- Uncategorized

Kathleen Rooney & Writers’ Loyalties

Is anybody following Kathleen Rooney’s situation?

I felt legitimately shaken up earlier this week when I found out Kathleen (I should probably do a full disclosure thingie clarifying she’s my future publisher, right?) had been fired from her job working for Senator Durbin’s Chicago office. Without fully realizing it, I think I looked to Kathleen as a model of a writer with an interesting life and career beyond/outside academia, as somebody who, like me, was  trying to find a way to balance her artistic impulse/compulsion/calling/whatever and a commitment to social change work.

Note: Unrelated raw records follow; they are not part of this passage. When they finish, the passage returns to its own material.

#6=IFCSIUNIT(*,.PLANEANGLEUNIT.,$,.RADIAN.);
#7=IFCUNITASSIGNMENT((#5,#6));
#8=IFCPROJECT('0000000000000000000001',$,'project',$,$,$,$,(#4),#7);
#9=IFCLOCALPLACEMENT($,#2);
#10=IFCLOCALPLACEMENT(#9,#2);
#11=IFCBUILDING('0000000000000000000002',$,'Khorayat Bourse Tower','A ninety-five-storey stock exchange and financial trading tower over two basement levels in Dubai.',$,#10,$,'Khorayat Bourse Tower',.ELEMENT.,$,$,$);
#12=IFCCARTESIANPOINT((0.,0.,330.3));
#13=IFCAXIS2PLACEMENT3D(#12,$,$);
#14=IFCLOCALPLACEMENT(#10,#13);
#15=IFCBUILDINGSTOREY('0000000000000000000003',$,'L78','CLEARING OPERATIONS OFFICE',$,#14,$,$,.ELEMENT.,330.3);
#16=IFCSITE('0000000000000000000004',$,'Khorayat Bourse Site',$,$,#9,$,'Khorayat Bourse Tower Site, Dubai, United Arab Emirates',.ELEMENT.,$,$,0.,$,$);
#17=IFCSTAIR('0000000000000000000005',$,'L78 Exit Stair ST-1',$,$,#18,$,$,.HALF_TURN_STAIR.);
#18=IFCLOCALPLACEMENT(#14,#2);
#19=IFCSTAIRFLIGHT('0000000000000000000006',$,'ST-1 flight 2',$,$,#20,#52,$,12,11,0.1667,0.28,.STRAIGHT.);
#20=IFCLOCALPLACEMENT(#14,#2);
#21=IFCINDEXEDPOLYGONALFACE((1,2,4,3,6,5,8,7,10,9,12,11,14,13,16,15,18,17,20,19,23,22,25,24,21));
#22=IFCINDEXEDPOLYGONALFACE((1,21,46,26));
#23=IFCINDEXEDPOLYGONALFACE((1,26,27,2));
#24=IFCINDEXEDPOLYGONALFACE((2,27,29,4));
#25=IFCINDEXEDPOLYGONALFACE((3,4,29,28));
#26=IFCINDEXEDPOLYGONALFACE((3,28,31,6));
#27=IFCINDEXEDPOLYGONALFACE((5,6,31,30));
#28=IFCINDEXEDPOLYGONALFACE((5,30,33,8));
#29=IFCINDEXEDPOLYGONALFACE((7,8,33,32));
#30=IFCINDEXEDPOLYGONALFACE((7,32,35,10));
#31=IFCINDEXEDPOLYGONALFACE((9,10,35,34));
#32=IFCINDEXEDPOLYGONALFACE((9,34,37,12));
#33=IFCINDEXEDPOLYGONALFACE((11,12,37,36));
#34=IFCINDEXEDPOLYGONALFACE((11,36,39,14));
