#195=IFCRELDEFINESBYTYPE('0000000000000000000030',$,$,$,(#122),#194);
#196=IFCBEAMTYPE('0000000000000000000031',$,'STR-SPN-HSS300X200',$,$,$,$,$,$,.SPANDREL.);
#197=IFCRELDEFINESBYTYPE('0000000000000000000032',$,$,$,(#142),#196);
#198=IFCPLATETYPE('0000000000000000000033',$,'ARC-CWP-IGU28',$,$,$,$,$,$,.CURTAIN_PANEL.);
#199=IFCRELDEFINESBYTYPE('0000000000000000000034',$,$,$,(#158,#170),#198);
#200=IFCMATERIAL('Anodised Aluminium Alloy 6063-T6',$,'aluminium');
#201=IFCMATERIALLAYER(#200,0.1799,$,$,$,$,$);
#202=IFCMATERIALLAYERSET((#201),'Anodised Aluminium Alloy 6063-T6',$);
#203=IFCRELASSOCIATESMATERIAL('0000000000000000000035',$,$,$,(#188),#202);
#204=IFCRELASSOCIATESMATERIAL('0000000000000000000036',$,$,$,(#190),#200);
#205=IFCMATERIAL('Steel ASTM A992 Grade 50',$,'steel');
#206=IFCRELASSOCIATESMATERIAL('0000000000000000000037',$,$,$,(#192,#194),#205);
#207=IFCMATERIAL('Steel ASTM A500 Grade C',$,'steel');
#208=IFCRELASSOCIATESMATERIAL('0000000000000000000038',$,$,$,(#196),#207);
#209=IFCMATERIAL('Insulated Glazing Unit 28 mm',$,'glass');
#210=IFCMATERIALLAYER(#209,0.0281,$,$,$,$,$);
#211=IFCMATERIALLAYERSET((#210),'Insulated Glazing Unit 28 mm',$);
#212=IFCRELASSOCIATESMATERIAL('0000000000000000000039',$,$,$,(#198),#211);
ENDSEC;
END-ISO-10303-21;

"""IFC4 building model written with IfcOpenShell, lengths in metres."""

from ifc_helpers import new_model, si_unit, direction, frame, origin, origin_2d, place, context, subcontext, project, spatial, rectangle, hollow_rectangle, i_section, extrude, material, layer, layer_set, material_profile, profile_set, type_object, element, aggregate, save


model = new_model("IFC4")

Although I’m mostly in favor of anything that helps more readers find Kathleen’s excellent essay collection, one of the more unfortunate things about her firing being treated by the press as a “scandal” is it potentially overshadows the artistry of her writing and, in particular, the idealism with which she writes about the American democratic tradition and her political work. I’m pretty far to the left, generally quite distrustful and critical of the State, but Kathleen’s vision of “Whitman’s America” — and her analysis of the role of language (the relationship between her writer-self and senatorial aide self) in political discourse — how language, its clarity, its honesty (or lack thereof) shapes our policies, our reality, moved me to believe more ardently, even if only for the duration of the essay, that this country is more than its history of domination and oppression.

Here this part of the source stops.